Le président Miguel Díaz-Canel a affirmé que Cuba doit attirer davantage de jeunes vers l'enseignement supérieur grâce à des incitations et des assouplissements, face à l'impact de la crise démographique et à la nécessité de disposer d'une main-d'œuvre qualifiée.
Il a également appelé à prendre en compte le vieillissement démographique rapide du pays lors de l'évaluation des plans de continuité des études pour les diplômés de la neuvième année, du préuniversitaire et d'autres sources prioritaires, lors de la dernière réunion de l'organisme en 2025.
Selon un rapport de la télévision d'État, le Conseil des ministres a également approuvé les plans de continuité des études pour les diplômés de neuvième année vers l'Éducation technique professionnelle et le préuniversitaire ; l'entrée dans l'Éducation supérieure pour les diplômés du préuniversitaire et d'autres sources prioritaires ; et la continuité des études pour les diplômés du préuniversitaire qui n'accèdent pas à l'Éducation supérieure.
Selon Jesús Otamendiz Campos, ministre du Travail et de la Sécurité Sociale, la continuité des études sera garantie pour tous les diplômés de neuvième année, ainsi que plusieurs options pour poursuivre des études dans l'enseignement supérieur pour tous les diplômés de l'enseignement préuniversitaire.
Le dirigeant a insisté sur le fait que Cuba a besoin d'une "masse forte de main-d'œuvre qualifiée" et, selon lui, il existe des potentiel pour y parvenir si des mécanismes sont conçus pour inciter les jeunes à s'engager dans l'enseignement supérieur.
À cet égard, il a proposé d'étudier un ensemble d'incitations au sein des universités pour encourager les étudiants de préuniversitaire à envisager des carrières universitaires.
Díaz-Canel a également évoqué un segment de jeunes qui choisissent de se diplômé en tant que techniciens moyens ou techniciens supérieurs, et a jugé nécessaire de créer des conditions pour qu'une partie d'entre eux puisse poursuivre des études universitaires par le biais de cours en présentiel ou d'autres modalités flexibles, a souligné le portail de la Présidence.
De même, il a souligné la nécessité d'évaluer des alternatives pour les jeunes qui, pour des raisons économiques, n'ont pas accès à l'enseignement supérieur.
Selon ce qu'il a expliqué, il faudrait leur offrir des facilités, des assouplissements et des options tant dans des cours de jour que lors de rencontres, afin de leur permettre d'obtenir leur diplôme dans des filières universitaires.
L'impact de la policrise cubaine
Les déclarations du président interviennent dans un contexte marqué par une profonde crise économique, une forte inflation, une chute du produit intérieur brut et un exode migratoire soutenu qui a particulièrement touché la population jeune en âge de travailler et de se professionnaliser.
Au cours des dernières années, de nombreux diplômés universitaires ont quitté le pays ou se sont désengagés de l'exercice de leurs professions, en raison de la détérioration du salaire réel et des conditions de vie.

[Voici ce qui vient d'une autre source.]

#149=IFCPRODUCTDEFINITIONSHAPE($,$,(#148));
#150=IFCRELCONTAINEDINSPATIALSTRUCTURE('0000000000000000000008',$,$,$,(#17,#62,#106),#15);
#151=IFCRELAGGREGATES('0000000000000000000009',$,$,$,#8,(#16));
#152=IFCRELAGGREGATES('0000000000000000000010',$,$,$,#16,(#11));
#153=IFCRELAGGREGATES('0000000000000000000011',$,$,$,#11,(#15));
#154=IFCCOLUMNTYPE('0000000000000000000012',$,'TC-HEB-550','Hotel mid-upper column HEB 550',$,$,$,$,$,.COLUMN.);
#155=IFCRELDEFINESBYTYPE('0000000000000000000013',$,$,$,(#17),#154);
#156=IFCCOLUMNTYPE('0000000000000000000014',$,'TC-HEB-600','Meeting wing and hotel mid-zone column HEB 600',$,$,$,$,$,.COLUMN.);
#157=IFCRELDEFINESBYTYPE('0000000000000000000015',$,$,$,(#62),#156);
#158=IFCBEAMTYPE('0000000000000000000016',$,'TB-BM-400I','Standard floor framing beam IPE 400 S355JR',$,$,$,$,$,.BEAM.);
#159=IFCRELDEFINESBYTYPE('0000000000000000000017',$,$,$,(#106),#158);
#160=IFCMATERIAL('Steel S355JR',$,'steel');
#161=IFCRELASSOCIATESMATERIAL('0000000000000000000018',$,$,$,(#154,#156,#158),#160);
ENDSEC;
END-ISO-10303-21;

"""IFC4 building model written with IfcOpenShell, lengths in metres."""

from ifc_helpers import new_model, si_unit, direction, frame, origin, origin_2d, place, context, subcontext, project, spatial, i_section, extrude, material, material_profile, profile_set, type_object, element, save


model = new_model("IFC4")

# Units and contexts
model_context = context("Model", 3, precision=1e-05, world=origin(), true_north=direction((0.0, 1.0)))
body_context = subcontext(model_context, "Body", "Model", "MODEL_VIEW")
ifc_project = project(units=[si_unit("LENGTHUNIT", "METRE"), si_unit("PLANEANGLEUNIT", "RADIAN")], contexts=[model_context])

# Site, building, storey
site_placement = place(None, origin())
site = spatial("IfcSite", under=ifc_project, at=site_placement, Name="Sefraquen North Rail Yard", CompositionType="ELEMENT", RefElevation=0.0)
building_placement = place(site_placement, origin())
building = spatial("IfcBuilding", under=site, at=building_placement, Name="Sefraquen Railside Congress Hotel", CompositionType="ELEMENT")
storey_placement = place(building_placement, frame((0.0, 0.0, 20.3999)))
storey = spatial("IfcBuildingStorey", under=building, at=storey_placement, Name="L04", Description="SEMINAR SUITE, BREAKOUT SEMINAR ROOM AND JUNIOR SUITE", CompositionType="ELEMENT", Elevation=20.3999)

Bien que le gouvernement ait insisté sur la nécessité de renforcer la formation académique et technique pour soutenir le développement économique, les problèmes structurels du pays, y compris le manque d'incitations matérielles et la précarité du marché du travail, ont limité la capacité du système éducatif à retenir les jeunes tant à l'intérieur qu'à l'extérieur des salles de classe.
D'autre part, le processus d'admission le plus récent à l'Éducation Supérieure à Cuba n'a montré qu'une légère amélioration par rapport à l'année précédente, avec des résultats généraux encore faibles et inégaux.
Selon des données préliminaires du Ministère de l'Éducation Supérieure, sur 22 804 candidats, seulement 18 402 ont passé les examens d'entrée, et à peine 51,5 % ont réussi les trois matières obligatoires.
Bien que ce chiffre représente une augmentation d'un point de pourcentage par rapport à l'année précédente, la performance continue de refléter les difficultés structurelles du système éducatif.
Les résultats en mathématiques ont de nouveau enregistré les pires performances, avec une chute de quatre points de pourcentage, tandis que l'espagnol et l'histoire de Cuba ont montré de meilleurs taux d'approbation.
Sur le plan territorial, les résultats ont mis en évidence des écarts marqués entre les provinces, avec des performances plus favorables à Santiago de Cuba, Pinar del Río et Granma, et des reculs sur l'Île de la Jeunesse et à Holguín.
Bien que les autorités aient informé que 97,3 % des étudiants ayant réussi les examens ont obtenu une filière de leur choix, une part significative des places universitaires a été attribuée sans avoir besoin de passer les épreuves, par le biais de concours académiques, de collèges universitaires et d'autres voies alternatives.